Reduce heat and simmer 12 minutes.
Remove from heat and stir in peas, ½ c cheese, s and p and herbs. Top with remaining cheese.


----------



## jkath (Jan 7, 2008)

I have a really good orzo recipe with lemon, butter, green onions & italian parsley. No meat or cheese in it, so it makes a nice side dish.


----------



## Robo410 (Jan 7, 2008)

love orzo cooked with broth, tomatoes, saffron and a drizzle of white wine, and veggies sauteed like squash and mushrooms.  add chicken if you want meat to all this.


----------



## jeninga75 (Jan 9, 2008)

Thanks guys, got some good ideas, definitly going to try the orzo, chicken and asiago, sounds yummy!


----------



## Dancer in the kitchen (Jan 9, 2008)

I have one more for ya . . . grill some zucchini & squash.  Cut them up into bite sized pieces.  Mix in with cooked orzo, fresh lemon juice (to taste), mint & roasted pine nuts.  You could also add some grilled chicken breast to make it a main dish.  YUM-O!


----------



## PytnPlace (Jan 9, 2008)

Have you ever tried Orzo Risotto?  Do a search of Google.  I like it better the reg. Risotto.  I've been craving it lately!  It's soooooo yummy!!


----------



## Rom (Jan 10, 2008)

i just googled it cos i was thinking WHAT in the world is Orzo LOL apparetnyl its barley hahaha

but i also saw this

Greek Orzo Salad - Allrecipes [SIZE=-1]*"*Greek Orzo Salad* - Orzo* pasta is tossed with artichoke hearts, cucumber, feta, tomato, olives and a zesty dressing"
[/SIZE]i couldn't see what else it says cos naturally it is blocked at work


----------



## kitchenelf (Jan 10, 2008)

Rom said:


> i just googled it cos i was thinking WHAT in the world is Orzo LOL apparetnyl its barley hahaha



Actually, orzo is just a pasta shape (rice shaped only larger).  Barley is a grain.
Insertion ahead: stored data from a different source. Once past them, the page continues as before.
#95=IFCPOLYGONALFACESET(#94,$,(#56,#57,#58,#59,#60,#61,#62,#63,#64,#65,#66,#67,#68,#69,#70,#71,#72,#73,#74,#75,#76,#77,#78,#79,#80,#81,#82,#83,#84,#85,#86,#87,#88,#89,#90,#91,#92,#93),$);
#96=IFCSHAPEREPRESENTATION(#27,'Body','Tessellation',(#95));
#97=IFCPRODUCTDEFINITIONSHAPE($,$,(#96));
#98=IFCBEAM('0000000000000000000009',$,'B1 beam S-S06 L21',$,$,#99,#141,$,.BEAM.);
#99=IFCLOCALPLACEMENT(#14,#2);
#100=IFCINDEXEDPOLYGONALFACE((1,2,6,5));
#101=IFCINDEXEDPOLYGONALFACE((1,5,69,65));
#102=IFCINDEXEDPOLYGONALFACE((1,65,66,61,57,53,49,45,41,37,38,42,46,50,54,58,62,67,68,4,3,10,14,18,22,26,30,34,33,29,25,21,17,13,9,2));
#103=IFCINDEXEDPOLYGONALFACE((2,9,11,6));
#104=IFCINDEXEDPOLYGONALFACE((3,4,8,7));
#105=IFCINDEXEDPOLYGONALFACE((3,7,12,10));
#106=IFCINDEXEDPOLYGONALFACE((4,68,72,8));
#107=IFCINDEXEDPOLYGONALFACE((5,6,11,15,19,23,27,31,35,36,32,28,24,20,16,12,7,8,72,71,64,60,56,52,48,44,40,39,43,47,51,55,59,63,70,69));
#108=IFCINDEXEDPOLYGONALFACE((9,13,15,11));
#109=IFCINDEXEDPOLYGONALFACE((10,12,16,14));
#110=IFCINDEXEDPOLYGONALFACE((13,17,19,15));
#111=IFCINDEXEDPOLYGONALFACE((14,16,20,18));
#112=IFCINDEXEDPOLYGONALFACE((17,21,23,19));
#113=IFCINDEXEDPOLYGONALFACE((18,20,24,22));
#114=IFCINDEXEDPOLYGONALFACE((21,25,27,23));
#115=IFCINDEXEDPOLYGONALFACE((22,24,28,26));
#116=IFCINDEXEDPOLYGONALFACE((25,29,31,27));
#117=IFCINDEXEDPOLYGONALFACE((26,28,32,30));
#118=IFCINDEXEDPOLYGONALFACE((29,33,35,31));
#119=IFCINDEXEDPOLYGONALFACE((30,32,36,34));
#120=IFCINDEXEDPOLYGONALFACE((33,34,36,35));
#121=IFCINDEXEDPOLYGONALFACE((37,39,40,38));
a little sauteed garlic, evoo, a squeeze of lemon, s&P
fresh parsley, fresh chopped tomatoes and juice, s&p
fresh grated Parmesan or also added to the above mentioned
butter, garlic powder, s&p, dried parsley
lemon, feta cheese, fresh oregano, s&p
grilled veggies then chopped small, like the orzo, tossed with evoo, s&p
sauteed garlic, evoo, canned tomatoes, fresh basil (reduce) then toss with orzo

the list is endless...

You can still look at rice dishes for ingredients that you actually do like and you can also look at pasta salad recipes (hot or cold).


----------



## Rom (Jan 10, 2008)

so it's pasta? LOL cos i looked and it said it was barley.

OMG GOOOGLE LIED TO ME ARGHHHHHHHHHHHHHHHH

hahahaha


----------



## BreezyCooking (Jan 10, 2008)

I most enjoy Orzo tossed with extra-virgin olive oil, minced fresh basil, & parmesan cheese, OR, simply drizzled & tossed with White Truffle Oil.

Either prep works great with plain grilled fish or chicken.


----------



## kitchenelf (Jan 10, 2008)

Rom said:


> so it's pasta? LOL cos i looked and it said it was barley.
> 
> OMG GOOOGLE LIED TO ME ARGHHHHHHHHHHHHHHHH
> 
> hahahaha



LOL - not a total lie as the word orzo is the Italian word for barley - but in this context it is most definitely pasta.

Breezy - I love those classic Italian flavors - you can't beat them!


----------



## Rom (Jan 10, 2008)

oh thank goodness, i felt so sad when i thought google lied LOL i think thats what i read about kitchenelf


----------



## PattY1 (Aug 9, 2008)

Try it with dill, mushrooms and shallots.


----------